I have finally figured out exactly where this skewed idea is coming from.
Javen, you are misinterpreting two different terms as meaning the same thing when they do not.
You are reading the popular use of "half" and term "children from international marriages" as meaning the same thing.
"Half" in popular usage does indeed usually refer to mixed Japanese-western individuals... However, the "international marriage" referred to in the statistics is something else entirely. While it includes the parents of the "half" children, it also includes all the other much more numerous non-western international marriages.
The statistics are only talking about the international marriages. The sites talking about "halfs" are referring to children of a very specific subsection of those.

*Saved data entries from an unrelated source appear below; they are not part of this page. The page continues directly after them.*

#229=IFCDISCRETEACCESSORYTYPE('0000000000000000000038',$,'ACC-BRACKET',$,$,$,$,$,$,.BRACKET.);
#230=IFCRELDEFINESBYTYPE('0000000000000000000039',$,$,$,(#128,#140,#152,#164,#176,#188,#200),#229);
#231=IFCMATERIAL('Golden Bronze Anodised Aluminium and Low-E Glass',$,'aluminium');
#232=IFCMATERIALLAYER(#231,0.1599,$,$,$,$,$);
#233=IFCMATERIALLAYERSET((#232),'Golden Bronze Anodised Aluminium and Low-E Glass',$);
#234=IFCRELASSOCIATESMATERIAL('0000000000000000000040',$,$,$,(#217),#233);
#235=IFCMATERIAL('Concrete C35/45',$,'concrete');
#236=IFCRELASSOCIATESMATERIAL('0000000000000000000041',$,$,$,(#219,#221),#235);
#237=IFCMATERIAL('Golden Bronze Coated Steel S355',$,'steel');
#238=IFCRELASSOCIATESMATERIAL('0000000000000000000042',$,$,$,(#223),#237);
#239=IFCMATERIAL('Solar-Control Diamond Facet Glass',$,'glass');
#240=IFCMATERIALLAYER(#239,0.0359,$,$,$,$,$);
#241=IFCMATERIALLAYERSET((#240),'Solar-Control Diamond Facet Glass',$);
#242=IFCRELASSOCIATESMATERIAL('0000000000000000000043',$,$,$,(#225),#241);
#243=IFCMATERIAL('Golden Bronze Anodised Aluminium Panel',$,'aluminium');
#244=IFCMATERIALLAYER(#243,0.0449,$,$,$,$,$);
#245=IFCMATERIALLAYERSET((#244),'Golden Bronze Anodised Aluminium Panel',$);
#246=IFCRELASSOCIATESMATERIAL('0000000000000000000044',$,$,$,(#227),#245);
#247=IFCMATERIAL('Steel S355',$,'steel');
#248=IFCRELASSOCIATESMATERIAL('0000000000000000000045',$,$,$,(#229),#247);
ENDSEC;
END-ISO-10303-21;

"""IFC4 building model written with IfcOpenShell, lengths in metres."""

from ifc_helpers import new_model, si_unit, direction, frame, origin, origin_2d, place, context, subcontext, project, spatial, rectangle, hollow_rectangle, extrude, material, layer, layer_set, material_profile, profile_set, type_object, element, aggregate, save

Just as not every fruit tree is going to be an apple tree, every international marriage is not going to be western-Japanese... However, every apple is going to come from a fruit tree and every western-Japanese marriage is going to be an "international marriage".
This sort of warping of meanings isn`t really uncommon - but it is entirely incorrect.
In the end, the fact is that only a small number of the international marriages in the "1 in 30" figure are between Japanese and non-Asians. Only those can potentially produce half-western children. All the others will be invisible as Japanese-Asian "halfs".
Really, you should go to Japan and see just how many "half" children or western-Japanese couples you spot. It sure won`t even be anywhere vaguely close to "1 in 30"
, even in the most saturated expat areas in Tokyo.
But you are welcome to keep constructing this dreamlike vision of a Japan where half of every elementary school class is mixed, instead of the reality of maybe 1 in 1000, if you`re lucky.